The NRC safety evaluations for Millstone Unit 3 and North Anna submittals cited do not appear to explicitly mention or provide an NRC evaluation of the Reference 26 methodology. The NRC staff has the following concerns regarding the methodology in Reference 26:

The impact of radiation and pH do not appear to have been considered in the modeling of the RWST release pathway. The RWST solution is acidic (due to the presence of boric acid) and may revolatilize iodine as described above in SRP 6.5.2. More recent studies than Reference 26 (NUREG/CR-5950 and NUREG/CR-4697) have shown that the formation of volatile iodine as elemental iodine is dependent on radiation and the solution pH.

The cited Reference 26 was not developed for the RWST.

Please address these concerns in a justification why the Reference 26 methodology is applicable for use with the RWST backleakage or consider these concerns in the analysis.

Please provide the pH vs. time for the RWST liquid.

RAI 7

This application is not risk-informed (even in Attachment 5) and DRA/APLA should not be involved in the review.

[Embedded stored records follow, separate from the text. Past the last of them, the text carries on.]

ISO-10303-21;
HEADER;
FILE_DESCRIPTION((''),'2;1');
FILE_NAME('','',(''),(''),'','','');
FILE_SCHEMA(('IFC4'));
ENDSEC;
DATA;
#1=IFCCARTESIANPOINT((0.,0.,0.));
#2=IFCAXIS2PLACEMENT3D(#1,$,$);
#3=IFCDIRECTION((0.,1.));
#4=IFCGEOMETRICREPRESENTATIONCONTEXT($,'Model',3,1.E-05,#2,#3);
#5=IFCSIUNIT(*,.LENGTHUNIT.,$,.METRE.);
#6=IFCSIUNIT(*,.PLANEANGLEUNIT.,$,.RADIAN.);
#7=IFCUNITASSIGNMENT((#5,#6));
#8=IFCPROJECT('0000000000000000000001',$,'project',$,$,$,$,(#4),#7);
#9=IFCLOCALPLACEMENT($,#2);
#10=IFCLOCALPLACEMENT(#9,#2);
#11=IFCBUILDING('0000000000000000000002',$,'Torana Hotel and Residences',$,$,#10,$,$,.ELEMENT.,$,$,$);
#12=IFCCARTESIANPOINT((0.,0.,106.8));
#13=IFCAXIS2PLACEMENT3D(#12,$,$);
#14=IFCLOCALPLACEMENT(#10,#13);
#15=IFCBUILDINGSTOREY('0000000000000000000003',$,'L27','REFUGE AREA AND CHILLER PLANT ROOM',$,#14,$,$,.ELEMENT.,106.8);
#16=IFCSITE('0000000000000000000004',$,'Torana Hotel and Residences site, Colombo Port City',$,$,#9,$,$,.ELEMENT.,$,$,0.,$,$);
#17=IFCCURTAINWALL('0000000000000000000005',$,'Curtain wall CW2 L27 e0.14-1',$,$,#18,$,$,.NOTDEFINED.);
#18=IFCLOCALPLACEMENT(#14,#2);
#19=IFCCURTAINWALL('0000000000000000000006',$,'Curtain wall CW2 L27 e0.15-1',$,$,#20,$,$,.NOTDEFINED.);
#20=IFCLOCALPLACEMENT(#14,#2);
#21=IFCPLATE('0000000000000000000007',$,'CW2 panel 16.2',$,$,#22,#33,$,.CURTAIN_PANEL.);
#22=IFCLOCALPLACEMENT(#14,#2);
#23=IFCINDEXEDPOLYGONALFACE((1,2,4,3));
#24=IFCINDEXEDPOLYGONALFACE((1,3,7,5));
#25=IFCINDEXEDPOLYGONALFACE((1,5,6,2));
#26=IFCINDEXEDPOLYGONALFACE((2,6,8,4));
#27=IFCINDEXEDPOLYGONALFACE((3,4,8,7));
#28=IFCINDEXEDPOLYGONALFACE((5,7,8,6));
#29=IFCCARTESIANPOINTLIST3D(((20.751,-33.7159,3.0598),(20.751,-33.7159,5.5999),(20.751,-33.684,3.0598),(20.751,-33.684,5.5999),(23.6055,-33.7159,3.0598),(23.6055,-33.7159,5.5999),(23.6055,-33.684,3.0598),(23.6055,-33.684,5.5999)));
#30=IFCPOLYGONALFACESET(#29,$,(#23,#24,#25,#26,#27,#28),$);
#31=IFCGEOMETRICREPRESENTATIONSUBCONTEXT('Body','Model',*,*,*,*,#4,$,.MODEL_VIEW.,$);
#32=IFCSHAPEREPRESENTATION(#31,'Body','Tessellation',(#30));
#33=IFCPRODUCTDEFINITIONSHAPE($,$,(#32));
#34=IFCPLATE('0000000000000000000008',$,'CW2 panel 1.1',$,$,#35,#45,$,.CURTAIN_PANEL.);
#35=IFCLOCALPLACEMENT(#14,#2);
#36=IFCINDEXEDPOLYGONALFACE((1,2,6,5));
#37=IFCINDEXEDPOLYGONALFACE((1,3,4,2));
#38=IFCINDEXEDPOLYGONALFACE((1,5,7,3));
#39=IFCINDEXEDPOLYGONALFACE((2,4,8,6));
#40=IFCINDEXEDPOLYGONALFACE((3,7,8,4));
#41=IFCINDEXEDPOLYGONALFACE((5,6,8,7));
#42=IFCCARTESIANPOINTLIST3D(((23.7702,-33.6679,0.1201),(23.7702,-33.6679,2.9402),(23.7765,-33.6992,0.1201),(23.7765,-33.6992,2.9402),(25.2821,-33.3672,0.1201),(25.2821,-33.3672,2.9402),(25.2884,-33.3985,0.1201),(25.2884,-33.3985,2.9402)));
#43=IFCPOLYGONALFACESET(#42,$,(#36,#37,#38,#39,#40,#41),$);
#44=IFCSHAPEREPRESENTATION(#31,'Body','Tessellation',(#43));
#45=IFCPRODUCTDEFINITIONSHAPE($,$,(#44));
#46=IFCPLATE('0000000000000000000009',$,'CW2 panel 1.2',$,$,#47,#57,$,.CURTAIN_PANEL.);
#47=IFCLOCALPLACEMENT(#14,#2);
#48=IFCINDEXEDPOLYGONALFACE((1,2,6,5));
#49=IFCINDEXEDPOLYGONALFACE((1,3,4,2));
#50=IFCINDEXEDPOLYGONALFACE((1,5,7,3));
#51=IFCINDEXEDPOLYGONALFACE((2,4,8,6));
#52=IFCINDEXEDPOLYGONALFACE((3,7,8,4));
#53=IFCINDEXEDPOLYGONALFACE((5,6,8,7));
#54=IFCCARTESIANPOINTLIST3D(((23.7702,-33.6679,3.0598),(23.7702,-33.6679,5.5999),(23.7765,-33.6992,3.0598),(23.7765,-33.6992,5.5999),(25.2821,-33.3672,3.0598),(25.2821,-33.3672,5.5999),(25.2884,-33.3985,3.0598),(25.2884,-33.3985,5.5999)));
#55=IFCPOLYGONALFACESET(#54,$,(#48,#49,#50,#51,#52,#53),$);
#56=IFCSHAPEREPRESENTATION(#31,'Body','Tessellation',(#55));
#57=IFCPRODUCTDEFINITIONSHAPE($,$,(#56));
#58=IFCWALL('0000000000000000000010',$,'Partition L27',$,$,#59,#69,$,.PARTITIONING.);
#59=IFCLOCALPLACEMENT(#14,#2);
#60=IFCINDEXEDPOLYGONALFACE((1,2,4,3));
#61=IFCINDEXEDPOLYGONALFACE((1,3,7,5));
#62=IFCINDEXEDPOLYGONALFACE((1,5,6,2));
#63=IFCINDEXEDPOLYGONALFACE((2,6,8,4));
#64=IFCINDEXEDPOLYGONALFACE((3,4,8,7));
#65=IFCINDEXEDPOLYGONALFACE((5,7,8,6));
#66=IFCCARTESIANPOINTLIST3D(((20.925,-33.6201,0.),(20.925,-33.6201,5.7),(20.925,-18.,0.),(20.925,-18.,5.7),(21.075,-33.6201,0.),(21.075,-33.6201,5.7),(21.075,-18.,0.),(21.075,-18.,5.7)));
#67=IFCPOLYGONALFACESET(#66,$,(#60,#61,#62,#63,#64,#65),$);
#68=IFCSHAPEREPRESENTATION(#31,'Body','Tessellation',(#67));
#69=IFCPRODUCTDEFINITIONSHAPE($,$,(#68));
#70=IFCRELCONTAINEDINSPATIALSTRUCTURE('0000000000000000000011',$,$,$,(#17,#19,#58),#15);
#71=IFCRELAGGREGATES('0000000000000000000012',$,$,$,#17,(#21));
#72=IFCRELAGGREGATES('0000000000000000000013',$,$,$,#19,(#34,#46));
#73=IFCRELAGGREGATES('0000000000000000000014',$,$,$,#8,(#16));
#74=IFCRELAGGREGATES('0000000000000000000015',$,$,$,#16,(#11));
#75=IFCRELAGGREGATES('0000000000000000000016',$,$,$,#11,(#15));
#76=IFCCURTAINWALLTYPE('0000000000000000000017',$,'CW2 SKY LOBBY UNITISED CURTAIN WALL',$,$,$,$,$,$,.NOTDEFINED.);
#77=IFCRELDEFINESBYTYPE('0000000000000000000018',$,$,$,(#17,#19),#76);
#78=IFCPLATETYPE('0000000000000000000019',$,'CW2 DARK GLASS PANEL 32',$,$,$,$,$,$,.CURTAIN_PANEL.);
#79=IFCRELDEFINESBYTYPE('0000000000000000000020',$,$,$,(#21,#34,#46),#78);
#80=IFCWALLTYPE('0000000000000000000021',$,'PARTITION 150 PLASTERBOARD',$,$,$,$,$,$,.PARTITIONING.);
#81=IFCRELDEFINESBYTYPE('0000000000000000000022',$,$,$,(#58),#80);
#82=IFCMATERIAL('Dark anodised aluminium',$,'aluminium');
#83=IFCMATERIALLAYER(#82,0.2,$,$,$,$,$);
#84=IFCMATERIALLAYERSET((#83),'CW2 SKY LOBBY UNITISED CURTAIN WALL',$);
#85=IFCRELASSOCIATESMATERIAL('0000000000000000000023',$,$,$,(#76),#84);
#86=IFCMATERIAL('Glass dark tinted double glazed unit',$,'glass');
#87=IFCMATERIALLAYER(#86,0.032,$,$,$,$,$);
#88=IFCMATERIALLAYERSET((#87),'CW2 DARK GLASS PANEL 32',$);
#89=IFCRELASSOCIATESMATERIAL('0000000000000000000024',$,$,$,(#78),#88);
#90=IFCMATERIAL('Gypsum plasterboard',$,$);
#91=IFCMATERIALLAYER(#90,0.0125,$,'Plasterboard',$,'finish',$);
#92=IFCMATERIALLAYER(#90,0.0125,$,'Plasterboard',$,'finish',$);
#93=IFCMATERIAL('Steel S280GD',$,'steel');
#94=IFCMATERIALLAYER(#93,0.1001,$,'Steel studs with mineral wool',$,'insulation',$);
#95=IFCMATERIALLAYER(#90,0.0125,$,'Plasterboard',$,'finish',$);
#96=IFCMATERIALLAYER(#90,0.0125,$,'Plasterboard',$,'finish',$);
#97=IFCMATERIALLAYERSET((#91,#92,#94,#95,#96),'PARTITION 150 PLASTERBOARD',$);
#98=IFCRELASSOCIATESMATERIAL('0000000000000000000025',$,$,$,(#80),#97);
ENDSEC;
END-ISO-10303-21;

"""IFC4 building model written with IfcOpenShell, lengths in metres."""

from ifc_helpers import new_model, si_unit, direction, frame, frame_2d, origin, origin_2d, place, context, subcontext, project, spatial, rectangle, extrude, material, layer, layer_set, type_object, element, aggregate, save


model = new_model("IFC4")

# Units and contexts
model_context = context("Model", 3, precision=1e-05, world=origin(), true_north=direction((0.0, 1.0)))
body_context = subcontext(model_context, "Body", "Model", "MODEL_VIEW")
ifc_project = project(units=[si_unit("LENGTHUNIT", "METRE"), si_unit("PLANEANGLEUNIT", "RADIAN")], contexts=[model_context])

# Site, building, storey
site_placement = place(None, origin())
site = spatial("IfcSite", under=ifc_project, at=site_placement, Name="Torana Hotel and Residences site, Colombo Port City", CompositionType="ELEMENT", RefElevation=0.0)
building_placement = place(site_placement, origin())
building = spatial("IfcBuilding", under=site, at=building_placement, Name="Torana Hotel and Residences", CompositionType="ELEMENT")
storey_placement = place(building_placement, frame((0.0, 0.0, 106.8)))
storey = spatial("IfcBuildingStorey", under=building, at=storey_placement, Name="L27", Description="REFUGE AREA AND CHILLER PLANT ROOM", CompositionType="ELEMENT", Elevation=106.8)

# Curtain walls
ifc_material_1 = material(Name="Dark anodised aluminium", Category="aluminium")
ifc_layer_1 = layer(ifc_material_1, 0.2)
ifc_layer_set_1 = layer_set([ifc_layer_1], Name="CW2 SKY LOBBY UNITISED CURTAIN WALL")
curtain_wall_type = type_object("IfcCurtainWallType", Name="CW2 SKY LOBBY UNITISED CURTAIN WALL", PredefinedType="NOTDEFINED", material=ifc_layer_set_1)
curtain_wall_1_placement = place(storey_placement, origin())
curtain_wall_1 = element("IfcCurtainWall", 1, at=curtain_wall_1_placement, inside=storey, type_object=curtain_wall_type, Name="Curtain wall CW2 L27 e0.14-1", PredefinedType="NOTDEFINED")
curtain_wall_2_placement = place(storey_placement, origin())
curtain_wall_2 = element("IfcCurtainWall", 2, at=curtain_wall_2_placement, inside=storey, type_object=curtain_wall_type, Name="Curtain wall CW2 L27 e0.15-1", PredefinedType="NOTDEFINED")

# Plates
ifc_material_2 = material(Name="Glass dark tinted double glazed unit", Category="glass")
ifc_layer_2 = layer(ifc_material_2, 0.032)
ifc_layer_set_2 = layer_set([ifc_layer_2], Name="CW2 DARK GLASS PANEL 32")
plate_type = type_object("IfcPlateType", Name="CW2 DARK GLASS PANEL 32", PredefinedType="CURTAIN_PANEL", material=ifc_layer_set_2)
plate_1_placement = place(storey_placement, frame((22.1782, -33.7, 3.0598), z_axis=(0.0, 0.0, 1.0), x_axis=(1.0, 0.0, 0.0)))
plate_1 = element("IfcPlate", 3, at=plate_1_placement, type_object=plate_type, Name="CW2 panel 16.2", PredefinedType="CURTAIN_PANEL", context=body_context, shape_type="SweptSolid", body=[
    extrude(rectangle(XDim=2.8545, YDim=0.032, at=origin_2d()), origin(), (0.0, 0.0, 1.0), 2.54),
])
aggregate(curtain_wall_1, [plate_1])
plate_2_placement = place(storey_placement, frame((24.5293, -33.5332, 0.1201), z_axis=(0.0, 0.0, 1.0), x_axis=(0.980791, 0.195064, 0.0)))
plate_2 = element("IfcPlate", 4, at=plate_2_placement, type_object=plate_type, Name="CW2 panel 1.1", PredefinedType="CURTAIN_PANEL", context=body_context, shape_type="SweptSolid", body=[
    extrude(rectangle(XDim=1.5415, YDim=0.032, at=origin_2d()), origin(), (0.0, 0.0, 1.0), 2.8201),
])
plate_3_placement = place(storey_placement, frame((24.5293, -33.5332, 3.0598), z_axis=(0.0, 0.0, 1.0), x_axis=(0.980791, 0.195064, 0.0)))
plate_3 = element("IfcPlate", 5, at=plate_3_placement, type_object=plate_type, Name="CW2 panel 1.2", PredefinedType="CURTAIN_PANEL", context=body_context, shape_type="SweptSolid", body=[
    extrude(rectangle(XDim=1.5415, YDim=0.032, at=origin_2d()), origin(), (0.0, 0.0, 1.0), 2.54),
])
aggregate(curtain_wall_2, [plate_2, plate_3])

# Wall
ifc_material_3 = material(Name="Gypsum plasterboard")
ifc_layer_3 = layer(ifc_material_3, 0.0125, Name="Plasterboard", Category="finish")
ifc_layer_4 = layer(ifc_material_3, 0.0125, Name="Plasterboard", Category="finish")
ifc_material_4 = material(Name="Steel S280GD", Category="steel")
ifc_layer_5 = layer(ifc_material_4, 0.1001, Name="Steel studs with mineral wool", Category="insulation")
ifc_layer_6 = layer(ifc_material_3, 0.0125, Name="Plasterboard", Category="finish")
ifc_layer_7 = layer(ifc_material_3, 0.0125, Name="Plasterboard", Category="finish")
ifc_layer_set_3 = layer_set([ifc_layer_3, ifc_layer_4, ifc_layer_5, ifc_layer_6, ifc_layer_7], Name="PARTITION 150 PLASTERBOARD")
wall_type = type_object("IfcWallType", Name="PARTITION 150 PLASTERBOARD", PredefinedType="PARTITIONING", material=ifc_layer_set_3)
wall_placement = place(storey_placement, frame((21.0, -33.6201, 0.0), z_axis=(0.0, 0.0, 1.0), x_axis=(0.0, 1.0, 0.0)))
element("IfcWall", 6, at=wall_placement, inside=storey, type_object=wall_type, Name="Partition L27", PredefinedType="PARTITIONING", context=body_context, shape_type="SweptSolid", body=[
    extrude(rectangle(XDim=15.6201, YDim=0.1499, at=frame_2d((7.8101, 0.0))), origin(), (0.0, 0.0, 1.0), 5.7),
])

save(model, "model.ifc")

For reasons stated below the application is non-acceptable with an opportunity to supplement:

7.1 - The licensee needs to review its utilization of Standard Review Plan (SRP) 19.2, Appendix D. The appendix is specifically for the staff to consider in determining if an application that is not risk-informed should be risk-informed because of special circumstances: It is not for the licensee to use to justify not being risk-informed. This application is not acceptable with this discussion included.

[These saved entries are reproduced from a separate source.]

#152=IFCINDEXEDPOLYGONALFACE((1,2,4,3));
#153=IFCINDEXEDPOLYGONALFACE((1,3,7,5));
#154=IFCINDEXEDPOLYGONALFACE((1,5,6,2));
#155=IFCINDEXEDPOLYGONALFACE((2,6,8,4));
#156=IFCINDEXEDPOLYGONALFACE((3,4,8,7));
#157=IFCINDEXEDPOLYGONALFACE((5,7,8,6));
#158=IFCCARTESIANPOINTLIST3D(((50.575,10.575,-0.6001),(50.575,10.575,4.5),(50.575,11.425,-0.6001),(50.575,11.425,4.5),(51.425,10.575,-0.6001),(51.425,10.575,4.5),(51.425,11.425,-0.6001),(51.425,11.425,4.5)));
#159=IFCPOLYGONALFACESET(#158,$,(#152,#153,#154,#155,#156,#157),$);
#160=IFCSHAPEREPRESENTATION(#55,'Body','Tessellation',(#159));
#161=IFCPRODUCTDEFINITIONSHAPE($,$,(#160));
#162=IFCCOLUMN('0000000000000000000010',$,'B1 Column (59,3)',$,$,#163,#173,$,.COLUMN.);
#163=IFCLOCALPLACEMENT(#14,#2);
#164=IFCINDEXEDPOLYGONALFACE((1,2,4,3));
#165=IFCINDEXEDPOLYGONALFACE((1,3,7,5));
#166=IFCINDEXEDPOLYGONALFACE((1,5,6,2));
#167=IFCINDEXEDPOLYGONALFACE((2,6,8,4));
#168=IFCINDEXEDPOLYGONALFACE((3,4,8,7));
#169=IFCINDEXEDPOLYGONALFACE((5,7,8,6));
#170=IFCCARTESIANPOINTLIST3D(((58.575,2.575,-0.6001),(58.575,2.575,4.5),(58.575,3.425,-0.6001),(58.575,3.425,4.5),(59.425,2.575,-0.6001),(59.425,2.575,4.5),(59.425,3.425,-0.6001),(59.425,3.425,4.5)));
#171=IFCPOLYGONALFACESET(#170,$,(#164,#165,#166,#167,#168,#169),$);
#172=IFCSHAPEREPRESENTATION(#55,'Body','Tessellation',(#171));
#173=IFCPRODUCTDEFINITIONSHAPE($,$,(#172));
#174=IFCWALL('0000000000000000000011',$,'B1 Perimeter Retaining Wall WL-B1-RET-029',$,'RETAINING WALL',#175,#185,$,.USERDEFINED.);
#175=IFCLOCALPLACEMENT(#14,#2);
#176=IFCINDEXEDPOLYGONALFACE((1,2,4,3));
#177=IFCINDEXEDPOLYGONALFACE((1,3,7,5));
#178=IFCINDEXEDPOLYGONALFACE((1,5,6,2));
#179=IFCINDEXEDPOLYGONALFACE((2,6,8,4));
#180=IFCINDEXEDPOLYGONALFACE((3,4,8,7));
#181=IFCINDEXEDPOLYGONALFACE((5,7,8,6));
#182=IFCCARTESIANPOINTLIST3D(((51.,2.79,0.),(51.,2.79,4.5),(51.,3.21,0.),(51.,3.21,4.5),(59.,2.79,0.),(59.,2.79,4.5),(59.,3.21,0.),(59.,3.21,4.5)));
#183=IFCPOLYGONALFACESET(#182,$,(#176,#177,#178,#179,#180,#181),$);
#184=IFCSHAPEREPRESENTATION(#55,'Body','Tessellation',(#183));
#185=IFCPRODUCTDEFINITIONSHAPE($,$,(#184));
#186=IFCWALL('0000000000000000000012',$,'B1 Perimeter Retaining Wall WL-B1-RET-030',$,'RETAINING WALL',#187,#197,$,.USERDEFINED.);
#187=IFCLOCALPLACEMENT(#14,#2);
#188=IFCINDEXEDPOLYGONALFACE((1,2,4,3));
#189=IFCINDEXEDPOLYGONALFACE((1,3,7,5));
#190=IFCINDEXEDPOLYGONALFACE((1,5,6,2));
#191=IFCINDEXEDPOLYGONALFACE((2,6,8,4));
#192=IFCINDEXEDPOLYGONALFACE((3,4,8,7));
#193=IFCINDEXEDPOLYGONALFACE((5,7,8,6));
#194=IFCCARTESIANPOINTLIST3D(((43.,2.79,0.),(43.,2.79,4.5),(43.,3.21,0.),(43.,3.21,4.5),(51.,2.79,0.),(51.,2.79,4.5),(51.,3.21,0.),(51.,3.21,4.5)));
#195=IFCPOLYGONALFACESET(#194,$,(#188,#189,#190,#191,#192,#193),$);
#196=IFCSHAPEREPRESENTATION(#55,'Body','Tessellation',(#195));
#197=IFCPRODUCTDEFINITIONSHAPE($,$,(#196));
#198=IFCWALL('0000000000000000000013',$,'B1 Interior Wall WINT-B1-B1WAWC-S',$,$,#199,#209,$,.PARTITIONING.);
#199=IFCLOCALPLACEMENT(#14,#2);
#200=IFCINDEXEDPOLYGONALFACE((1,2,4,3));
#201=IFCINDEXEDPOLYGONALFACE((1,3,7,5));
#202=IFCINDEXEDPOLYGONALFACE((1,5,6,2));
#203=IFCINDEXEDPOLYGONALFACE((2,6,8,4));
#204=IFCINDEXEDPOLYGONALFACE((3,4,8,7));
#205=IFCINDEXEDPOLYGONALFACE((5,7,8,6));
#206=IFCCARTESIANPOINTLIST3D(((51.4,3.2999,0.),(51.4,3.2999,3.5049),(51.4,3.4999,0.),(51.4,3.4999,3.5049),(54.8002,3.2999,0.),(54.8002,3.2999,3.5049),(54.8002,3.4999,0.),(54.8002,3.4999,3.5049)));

7.2 - The NRC staff notes that in Section 3.1 of Attachment 5, counter to their earlier statement in Step 1 of not being risk-informed, in Step 2 the licensee cites the definition from Regulatory Guide (RG) 1.200 (a PRA RG) on core damage to support their position. However, their interpretation of this definition is not complete and is flawed (that is, it is correctly quoted, but not correctly interpreted). Since Probabilistic Risk Assessments (PRAs) do not model the specifically identified design bases accidents DBAs (Fuel Handling Accident (FHA) and Locked Rotor Accident (LRA)) related to control room habitability, they should not use the estimated importance measure since it needs an estimate of risk importance (and the needed PRA does not exist). Rather, the licensee should do the generic Human Action (HA) Method. The HAs need to be addressed/reviewed in a traditional, deterministic manner.

Based on the above comments, NRC staff recommends not accepting this application for review until the above issues are resolved.